Par Mathieu Pigeon, sous la supervision de Dominique Marquis, directrice de stage, Université du Québec à Montréal


Les relations Québec-Canada

De la Conquête britannique, en 1760, à la Fédération canadienne de 1867, la place des Canadiens français a souvent été au centre du débat politique. L'Acte de l'Amérique du Nord britannique (AANB) de 1867 fait du Québec la seule province à majorité francophone de l'État canadien et définit le partage des pouvoirs entre le gouvernement fédéral et les gouvernements provinciaux. Jusqu'à la Révolution tranquille, le partage des pouvoirs décrit dans l'AANB servira de référence aux revendications autonomistes des nationalistes canadiens-français. Au tournant du 20e siècle, se développe l'idée que la fédération canadienne est le produit d'un pacte entre les deux peuples fondateurs, ce qui donnerait certains droits au Québec. Cette conception du Canada devient celle de nombreux Canadiens français, bien que cette idée de « pacte » ne figure pas dans l'AANB.


L'époque duplessiste

Maurice Duplessis (1890-1959) gouverne le Québec sans interruption de 1944 à 1959. À cette époque, les relations entre le Québec et le gouvernement fédéral sont plus que jamais teintées d'un désir de défendre l'autonomie du Québec. Les premiers ministres canadiens Louis Saint-Laurent (1882-1973) et John Diefenbaker (1895-1979) élaborent une nouvelle politique d'unité nationale en s'engageant dans la voie de l'État-providence et dans la promotion de la culture canadienne. Afin de réaliser ces objectifs, le gouvernement fédéral demande aux provinces de lui céder définitivement certains pouvoirs, en particulier celui de lever des impôts, qui avait été temporairement abandonné par les provinces pendant la Seconde Guerre mondiale. Au cours des années 1950, de nombreux programmes sociaux, comme l'assurance-chômage, l'assurance-hospitalisation et un régime universel de pensions de vieillesse, sont instaurés par le fédéral. Certaines provinces, notamment le Québec et l'Ontario, s'opposent à cette intrusion du fédéral dans leurs champs de compétence au nom de l'autonomie provinciale. La politique autonomiste de Duplessis produira quelques avancées pour le Québec, notamment lorsqu'il réussit à lever un impôt provincial en 1954.

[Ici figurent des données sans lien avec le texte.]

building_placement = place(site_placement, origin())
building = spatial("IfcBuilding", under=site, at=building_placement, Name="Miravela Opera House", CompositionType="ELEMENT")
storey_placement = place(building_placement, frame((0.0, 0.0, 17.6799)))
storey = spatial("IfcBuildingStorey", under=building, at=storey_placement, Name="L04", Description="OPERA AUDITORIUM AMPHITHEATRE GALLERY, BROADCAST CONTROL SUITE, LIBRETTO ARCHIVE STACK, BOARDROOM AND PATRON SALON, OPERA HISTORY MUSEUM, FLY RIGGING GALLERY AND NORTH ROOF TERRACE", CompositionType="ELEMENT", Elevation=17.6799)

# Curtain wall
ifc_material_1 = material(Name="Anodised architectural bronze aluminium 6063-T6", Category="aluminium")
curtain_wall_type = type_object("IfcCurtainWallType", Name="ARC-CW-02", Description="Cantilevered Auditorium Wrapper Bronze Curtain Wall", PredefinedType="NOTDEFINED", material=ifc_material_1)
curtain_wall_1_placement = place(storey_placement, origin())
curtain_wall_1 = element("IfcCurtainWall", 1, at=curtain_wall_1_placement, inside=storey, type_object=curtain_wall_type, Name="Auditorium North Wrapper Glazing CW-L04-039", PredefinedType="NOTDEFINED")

Un fédéralisme d'ouverture

Avec l'avènement de la Révolution tranquille et l'arrivée au pouvoir, en 1960, d'un gouvernement libéral, la bataille pour l'autonomie du Québec prend un autre sens. Les demandes du Québec reflètent de nouveaux besoins, fondés sur la volonté d'élargir les pouvoirs et de moderniser l'État. Le Québec doit rattraper le retard économique et social qu'il a pris sous Duplessis et le gouvernement fédéral libéral de Lester B. Pearson (1897-1972) est prêt à l'aider afin qu'il s'engage dans la voie de la modernité. Pearson pratique un fédéralisme d'ouverture face aux revendications provinciales. En 1963, il met sur pied la Commission royale d'enquête sur le bilinguisme et le biculturalisme, présidée par André Laurendeau et Davidson Dunton, afin de connaître la situation des deux peuples fondateurs. La commission Laurendeau-Dunton, dont le rapport préliminaire est publié en 1965, souligne le caractère distinct du Québec et fait la promotion d'un fédéralisme d'ouverture, dans lequel le Québec occuperait une place particulière.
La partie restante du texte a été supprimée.